Le système éducatif français s’apprête à connaître une révision en profondeur de ses modalités d’évaluation. Le ministre de l’Éducation nationale, Édouard Geffray, a dévoilé jeudi un ensemble de réformes visant à rehausser l’exigence des diplômes nationaux et à évaluer plus rigoureusement le niveau réel des élèves.
Selon les informations rapportées par l’agence Anadolu, les changements les plus imminents concernent le diplôme national du brevet. Dès la session 2026, le poids des épreuves finales passera à 60 % de la note globale, contre 50 % actuellement. Le contrôle continu sera quant à lui strictement calculé sur la moyenne des notes obtenues en classe tout au long de l’année. Cette révision s’accompagne d’une consigne stricte adressée aux correcteurs : les fautes d’orthographe, de syntaxe et de grammaire seront lourdement sanctionnées. Le ministre a précisé qu’une copie présentant de graves lacunes dans ces domaines ne pourra plus obtenir la moyenne.
Cette exigence accrue aura un impact direct sur les résultats de fin d’année. Édouard Geffray anticipe une baisse drastique du taux de réussite au brevet, estimant une chute pouvant aller jusqu’à 10 points. Le taux d’admission devrait ainsi se stabiliser autour de 75 %, entraînant mécaniquement une diminution du nombre de mentions accordées.
Le baccalauréat, qui a affiché un taux de réussite de près de 92 % en 2025, est également ciblé par ces ajustements. Afin de renforcer la crédibilité de son attribution, l’octroi des points de jury sera strictement limité à partir de 2026. Cette mesure vise à empêcher le repêchage artificiel de candidats proches de la moyenne pour leur permettre d’accéder aux épreuves orales de rattrapage.
Parallèlement à ce durcissement de l’évaluation, le ministère instaure de nouveaux dispositifs de valorisation. Un concours général des collèges verra le jour en 2027, calqué sur le modèle de celui existant pour les lycées.
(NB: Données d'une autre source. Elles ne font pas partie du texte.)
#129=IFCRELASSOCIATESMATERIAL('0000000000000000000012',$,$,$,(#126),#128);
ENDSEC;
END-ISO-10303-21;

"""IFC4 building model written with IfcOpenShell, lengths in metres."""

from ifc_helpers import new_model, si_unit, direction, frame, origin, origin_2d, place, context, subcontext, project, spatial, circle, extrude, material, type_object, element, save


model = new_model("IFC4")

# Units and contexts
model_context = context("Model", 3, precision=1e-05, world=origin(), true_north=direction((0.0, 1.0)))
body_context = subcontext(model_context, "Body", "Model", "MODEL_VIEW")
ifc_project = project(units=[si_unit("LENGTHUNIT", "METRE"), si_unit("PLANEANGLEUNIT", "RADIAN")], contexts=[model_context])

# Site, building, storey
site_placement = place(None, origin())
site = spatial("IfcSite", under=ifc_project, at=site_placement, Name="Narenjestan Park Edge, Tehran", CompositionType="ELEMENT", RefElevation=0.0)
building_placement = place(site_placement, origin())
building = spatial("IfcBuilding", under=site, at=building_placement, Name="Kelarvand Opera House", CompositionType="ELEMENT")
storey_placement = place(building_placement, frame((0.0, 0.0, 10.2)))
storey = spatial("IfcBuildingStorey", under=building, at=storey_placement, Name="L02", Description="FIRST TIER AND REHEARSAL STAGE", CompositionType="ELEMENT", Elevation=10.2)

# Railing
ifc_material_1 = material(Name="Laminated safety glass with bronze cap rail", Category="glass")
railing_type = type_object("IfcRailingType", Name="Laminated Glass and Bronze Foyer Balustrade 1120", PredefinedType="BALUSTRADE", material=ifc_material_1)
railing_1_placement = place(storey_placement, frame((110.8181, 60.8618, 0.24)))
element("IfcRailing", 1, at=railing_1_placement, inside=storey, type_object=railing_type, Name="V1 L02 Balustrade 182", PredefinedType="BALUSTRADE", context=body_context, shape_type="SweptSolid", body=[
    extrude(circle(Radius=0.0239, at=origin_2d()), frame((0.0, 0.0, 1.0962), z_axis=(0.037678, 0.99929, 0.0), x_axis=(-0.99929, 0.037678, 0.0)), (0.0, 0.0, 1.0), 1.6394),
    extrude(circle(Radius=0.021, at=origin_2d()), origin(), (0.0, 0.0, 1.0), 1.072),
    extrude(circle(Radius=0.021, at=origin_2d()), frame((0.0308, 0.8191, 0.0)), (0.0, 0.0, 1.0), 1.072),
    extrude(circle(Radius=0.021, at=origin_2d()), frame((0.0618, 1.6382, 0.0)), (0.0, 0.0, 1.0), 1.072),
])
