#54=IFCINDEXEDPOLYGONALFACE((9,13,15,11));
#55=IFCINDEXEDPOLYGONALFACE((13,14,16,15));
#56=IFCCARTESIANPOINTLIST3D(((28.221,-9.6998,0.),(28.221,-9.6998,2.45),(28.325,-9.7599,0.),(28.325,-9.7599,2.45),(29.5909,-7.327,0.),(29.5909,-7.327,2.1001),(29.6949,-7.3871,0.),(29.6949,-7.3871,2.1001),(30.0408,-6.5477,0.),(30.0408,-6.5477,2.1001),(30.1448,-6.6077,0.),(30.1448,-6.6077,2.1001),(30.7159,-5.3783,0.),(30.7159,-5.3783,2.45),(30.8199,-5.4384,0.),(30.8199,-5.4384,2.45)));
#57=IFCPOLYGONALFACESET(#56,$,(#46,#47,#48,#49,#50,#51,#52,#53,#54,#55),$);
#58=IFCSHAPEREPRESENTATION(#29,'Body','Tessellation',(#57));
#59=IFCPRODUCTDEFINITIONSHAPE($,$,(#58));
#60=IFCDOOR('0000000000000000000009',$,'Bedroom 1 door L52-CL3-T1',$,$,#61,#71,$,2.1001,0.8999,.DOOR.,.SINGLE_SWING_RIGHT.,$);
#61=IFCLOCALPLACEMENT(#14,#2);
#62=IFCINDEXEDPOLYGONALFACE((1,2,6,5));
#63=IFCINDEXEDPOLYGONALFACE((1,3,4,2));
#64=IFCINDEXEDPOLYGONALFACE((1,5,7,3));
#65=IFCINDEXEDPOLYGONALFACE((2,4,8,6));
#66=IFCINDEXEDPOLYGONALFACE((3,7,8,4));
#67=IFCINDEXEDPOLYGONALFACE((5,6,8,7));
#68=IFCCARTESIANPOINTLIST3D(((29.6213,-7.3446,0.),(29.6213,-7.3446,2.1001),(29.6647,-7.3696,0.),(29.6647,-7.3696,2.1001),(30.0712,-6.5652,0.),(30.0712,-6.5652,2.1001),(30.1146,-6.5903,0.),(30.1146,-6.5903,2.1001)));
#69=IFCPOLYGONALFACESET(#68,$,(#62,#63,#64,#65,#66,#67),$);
Les établissements pourront y inscrire jusqu’à 10 % de leurs effectifs, en respectant la parité filles-garçons. Les candidats s’affronteront dans une seule des cinq disciplines proposées : français, mathématiques, histoire-géographie, arts et numérique-codage. Les inscriptions se feront à l’automne pour des épreuves prévues en janvier et février.
Enfin, des interventions spécifiques ont déjà débuté dans 800 collèges identifiés comme étant en grande difficulté scolaire. Ces établissements se caractérisent par une proportion d’au moins 40 % d’élèves n’atteignant pas la note de 8/20 en français et en mathématiques lors des épreuves du brevet.